The Egyptians first discovered that drying fruit preserved it, made it sweeter, and improved its flavor. The Bible mentions that an Israelite brought cheese and raisins to pay his taxes to King David. In Rome during the time of Nero, the wealthy always had raisins on the menu at their feasts. Growing, drying, and selling raisins was an important trade in Armenia as early as 400 B.C. Asia Minor was the center of the raisin industry about the time of Christ. The climate and soil of the Mediterranean countries made them famous for raisin growing during the Middle Ages. The raisin industry of California was started by Jesuit and Franciscan priests, who planted fruit trees and grape vines around the missions to help supply the Indian settlements with food.

Raisins are made by drying grapes in the sun for 10 to 15 days. There are four main varieties of raisins. The two most common varieties are the Thompson seedless and the muscat. Seedless raisins first came from Turkey. In 1879, a man named Thompson brought the first seedless-grape cuttings to California. The muscat is a large, seed-bearing raisin. Muscats were brought to America by the Spanish missionaries. The sultana, which is seedless, has a distinctive flavor and is used mainly in bakeries. The Corinthian, also known as a currant, is a small raisin used mainly to flavor bakery goods.

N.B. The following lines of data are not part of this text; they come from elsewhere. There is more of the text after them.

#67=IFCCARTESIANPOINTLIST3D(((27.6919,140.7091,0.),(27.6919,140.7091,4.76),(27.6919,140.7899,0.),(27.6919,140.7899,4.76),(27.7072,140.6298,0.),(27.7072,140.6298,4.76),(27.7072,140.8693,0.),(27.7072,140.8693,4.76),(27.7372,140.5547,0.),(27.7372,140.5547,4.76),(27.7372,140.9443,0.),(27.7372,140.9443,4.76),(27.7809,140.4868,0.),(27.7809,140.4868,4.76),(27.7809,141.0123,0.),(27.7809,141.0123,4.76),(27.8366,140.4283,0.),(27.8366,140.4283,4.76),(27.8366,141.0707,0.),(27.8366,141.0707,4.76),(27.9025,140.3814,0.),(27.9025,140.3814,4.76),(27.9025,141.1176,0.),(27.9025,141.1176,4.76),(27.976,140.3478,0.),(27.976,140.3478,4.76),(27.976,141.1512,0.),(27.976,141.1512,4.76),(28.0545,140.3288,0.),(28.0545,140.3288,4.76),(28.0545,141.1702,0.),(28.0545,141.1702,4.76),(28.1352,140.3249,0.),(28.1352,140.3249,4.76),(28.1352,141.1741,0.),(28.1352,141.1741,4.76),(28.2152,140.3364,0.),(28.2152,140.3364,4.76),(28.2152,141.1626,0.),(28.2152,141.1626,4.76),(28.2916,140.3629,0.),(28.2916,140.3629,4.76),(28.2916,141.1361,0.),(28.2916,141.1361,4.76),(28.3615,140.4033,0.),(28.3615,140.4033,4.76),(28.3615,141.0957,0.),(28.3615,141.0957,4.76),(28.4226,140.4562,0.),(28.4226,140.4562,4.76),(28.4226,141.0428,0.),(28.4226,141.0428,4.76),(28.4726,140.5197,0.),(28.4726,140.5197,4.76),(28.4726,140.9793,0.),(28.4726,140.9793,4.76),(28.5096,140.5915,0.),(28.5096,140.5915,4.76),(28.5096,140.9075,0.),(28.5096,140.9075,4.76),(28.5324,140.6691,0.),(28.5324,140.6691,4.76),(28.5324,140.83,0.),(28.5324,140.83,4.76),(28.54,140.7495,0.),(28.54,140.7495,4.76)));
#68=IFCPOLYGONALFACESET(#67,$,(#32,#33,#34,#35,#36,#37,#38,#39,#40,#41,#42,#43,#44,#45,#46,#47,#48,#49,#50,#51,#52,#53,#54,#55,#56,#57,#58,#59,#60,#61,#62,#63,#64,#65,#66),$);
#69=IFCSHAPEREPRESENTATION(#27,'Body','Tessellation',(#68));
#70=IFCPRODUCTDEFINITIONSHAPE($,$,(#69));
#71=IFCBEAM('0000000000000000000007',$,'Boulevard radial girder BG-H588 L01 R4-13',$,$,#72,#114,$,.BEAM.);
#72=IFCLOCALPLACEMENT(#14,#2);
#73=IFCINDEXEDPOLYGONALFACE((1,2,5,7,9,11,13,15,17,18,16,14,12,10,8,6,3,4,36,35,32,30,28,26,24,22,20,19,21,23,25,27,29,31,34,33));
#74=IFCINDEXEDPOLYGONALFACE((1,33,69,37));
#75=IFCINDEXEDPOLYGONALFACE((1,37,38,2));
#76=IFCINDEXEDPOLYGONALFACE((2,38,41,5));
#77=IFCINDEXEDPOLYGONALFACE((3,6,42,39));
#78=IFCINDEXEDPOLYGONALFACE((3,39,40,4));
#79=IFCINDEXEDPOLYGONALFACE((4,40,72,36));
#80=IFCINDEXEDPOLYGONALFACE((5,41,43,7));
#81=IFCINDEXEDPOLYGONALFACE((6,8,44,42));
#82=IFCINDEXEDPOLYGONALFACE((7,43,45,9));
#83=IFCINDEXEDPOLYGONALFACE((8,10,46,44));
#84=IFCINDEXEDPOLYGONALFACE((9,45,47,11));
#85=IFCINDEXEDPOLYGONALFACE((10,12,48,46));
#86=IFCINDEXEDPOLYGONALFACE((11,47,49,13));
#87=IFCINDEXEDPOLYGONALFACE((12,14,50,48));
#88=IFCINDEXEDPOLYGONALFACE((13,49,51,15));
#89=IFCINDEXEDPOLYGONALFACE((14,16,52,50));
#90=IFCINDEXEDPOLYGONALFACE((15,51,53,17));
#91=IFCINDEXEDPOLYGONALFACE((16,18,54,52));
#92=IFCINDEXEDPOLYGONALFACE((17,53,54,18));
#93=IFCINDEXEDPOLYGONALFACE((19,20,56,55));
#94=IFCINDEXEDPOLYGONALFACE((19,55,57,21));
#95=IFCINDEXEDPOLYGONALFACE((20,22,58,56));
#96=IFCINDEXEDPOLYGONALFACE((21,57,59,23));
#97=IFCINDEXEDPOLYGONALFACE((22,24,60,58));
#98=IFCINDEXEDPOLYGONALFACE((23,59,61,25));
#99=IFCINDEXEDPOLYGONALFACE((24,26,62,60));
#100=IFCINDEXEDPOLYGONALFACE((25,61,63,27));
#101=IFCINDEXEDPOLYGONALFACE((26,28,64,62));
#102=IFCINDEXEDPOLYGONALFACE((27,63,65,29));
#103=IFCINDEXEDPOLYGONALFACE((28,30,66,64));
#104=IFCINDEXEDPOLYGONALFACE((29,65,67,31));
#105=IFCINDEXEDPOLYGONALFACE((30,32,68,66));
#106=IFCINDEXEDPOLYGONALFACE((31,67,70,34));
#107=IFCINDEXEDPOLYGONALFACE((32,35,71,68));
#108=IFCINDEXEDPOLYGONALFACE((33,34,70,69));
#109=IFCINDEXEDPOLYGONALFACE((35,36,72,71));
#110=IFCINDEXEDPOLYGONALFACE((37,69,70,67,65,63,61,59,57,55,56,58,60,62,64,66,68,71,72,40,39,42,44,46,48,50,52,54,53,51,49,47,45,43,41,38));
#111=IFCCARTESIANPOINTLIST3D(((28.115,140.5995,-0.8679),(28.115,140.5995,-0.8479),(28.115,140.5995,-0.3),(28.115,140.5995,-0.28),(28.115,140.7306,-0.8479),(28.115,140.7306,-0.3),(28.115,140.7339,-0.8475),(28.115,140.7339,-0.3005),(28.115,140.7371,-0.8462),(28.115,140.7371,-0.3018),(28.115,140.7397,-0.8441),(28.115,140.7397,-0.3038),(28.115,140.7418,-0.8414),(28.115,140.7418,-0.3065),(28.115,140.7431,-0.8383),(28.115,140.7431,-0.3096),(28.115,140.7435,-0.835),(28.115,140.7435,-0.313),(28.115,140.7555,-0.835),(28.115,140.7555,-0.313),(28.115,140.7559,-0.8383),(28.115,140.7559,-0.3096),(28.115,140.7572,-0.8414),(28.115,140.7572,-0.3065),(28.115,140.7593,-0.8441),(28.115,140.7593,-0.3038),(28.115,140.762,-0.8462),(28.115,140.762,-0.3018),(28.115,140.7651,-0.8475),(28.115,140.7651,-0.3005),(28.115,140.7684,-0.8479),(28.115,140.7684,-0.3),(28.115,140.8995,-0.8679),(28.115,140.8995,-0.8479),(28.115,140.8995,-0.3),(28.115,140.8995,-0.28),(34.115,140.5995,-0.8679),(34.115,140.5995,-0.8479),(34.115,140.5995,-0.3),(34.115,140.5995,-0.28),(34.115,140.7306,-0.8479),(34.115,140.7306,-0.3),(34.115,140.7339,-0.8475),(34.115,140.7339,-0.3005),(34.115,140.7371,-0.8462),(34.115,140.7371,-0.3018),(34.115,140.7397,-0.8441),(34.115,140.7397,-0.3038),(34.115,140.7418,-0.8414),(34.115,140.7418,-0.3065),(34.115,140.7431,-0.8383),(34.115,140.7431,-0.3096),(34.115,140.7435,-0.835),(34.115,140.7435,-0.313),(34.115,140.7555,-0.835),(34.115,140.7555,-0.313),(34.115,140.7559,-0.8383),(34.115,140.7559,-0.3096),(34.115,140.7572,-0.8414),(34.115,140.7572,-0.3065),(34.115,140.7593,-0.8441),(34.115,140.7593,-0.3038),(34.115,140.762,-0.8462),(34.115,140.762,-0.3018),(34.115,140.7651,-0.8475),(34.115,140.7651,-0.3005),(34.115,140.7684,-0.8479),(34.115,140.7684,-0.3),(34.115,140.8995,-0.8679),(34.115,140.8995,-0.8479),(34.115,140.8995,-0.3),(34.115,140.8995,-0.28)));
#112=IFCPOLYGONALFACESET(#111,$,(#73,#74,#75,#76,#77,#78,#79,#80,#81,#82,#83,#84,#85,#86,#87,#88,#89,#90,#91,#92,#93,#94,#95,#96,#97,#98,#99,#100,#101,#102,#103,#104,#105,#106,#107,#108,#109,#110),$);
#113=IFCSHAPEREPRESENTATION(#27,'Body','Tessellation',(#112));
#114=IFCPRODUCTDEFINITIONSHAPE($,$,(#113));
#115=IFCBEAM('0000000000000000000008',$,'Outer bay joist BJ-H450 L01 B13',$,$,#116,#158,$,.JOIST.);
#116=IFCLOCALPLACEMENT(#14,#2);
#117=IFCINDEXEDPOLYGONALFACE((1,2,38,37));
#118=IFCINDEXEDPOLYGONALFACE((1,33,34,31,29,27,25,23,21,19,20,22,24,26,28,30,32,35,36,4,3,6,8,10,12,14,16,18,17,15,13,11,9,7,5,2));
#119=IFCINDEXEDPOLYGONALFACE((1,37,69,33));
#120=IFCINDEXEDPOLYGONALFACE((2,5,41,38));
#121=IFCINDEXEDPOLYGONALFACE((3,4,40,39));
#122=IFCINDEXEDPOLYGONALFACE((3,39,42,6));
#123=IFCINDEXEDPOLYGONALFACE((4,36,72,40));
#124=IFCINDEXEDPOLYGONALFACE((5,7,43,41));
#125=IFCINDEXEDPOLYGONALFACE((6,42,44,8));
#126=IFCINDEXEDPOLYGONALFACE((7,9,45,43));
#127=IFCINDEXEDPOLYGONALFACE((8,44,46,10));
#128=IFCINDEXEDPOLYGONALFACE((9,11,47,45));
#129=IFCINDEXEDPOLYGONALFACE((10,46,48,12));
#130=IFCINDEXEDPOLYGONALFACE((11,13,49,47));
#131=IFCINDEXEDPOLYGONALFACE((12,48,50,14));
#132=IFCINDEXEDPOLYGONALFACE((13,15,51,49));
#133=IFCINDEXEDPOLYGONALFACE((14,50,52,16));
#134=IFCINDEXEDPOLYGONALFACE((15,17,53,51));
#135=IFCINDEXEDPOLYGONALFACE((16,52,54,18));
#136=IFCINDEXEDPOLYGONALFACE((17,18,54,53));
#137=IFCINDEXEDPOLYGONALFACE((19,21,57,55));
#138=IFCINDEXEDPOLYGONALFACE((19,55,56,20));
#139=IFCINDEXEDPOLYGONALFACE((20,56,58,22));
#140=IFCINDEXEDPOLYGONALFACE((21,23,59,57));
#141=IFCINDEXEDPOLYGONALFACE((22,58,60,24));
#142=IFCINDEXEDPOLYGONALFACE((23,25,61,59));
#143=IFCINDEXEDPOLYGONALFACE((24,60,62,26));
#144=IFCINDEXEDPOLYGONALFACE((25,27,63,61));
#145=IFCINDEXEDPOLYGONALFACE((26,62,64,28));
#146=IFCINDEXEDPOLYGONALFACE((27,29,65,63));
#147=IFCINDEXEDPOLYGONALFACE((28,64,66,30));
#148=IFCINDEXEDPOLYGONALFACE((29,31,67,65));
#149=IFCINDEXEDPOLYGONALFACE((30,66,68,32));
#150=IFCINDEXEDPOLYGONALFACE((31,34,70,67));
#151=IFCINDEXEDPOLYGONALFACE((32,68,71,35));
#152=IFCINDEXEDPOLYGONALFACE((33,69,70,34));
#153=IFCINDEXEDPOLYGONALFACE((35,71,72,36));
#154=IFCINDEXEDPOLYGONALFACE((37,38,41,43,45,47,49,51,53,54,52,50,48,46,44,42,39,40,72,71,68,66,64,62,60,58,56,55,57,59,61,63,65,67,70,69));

Seedless grapes are allowed to ripen on the vine. They are then harvested and placed on sheets of heavy brown paper between the rows of vines. After drying for 10 to 15 days the raisins are stacked and dried again. Then they are stored in great bins, called sweat boxes, to equalize their moisture content. They are then ready for the packing house. Although the Thompson Seedless Grape is light green in color, it becomes a "standard" black raisin when dried; "white" raisins are "made" by adding sulphur to the grapes during the drying process.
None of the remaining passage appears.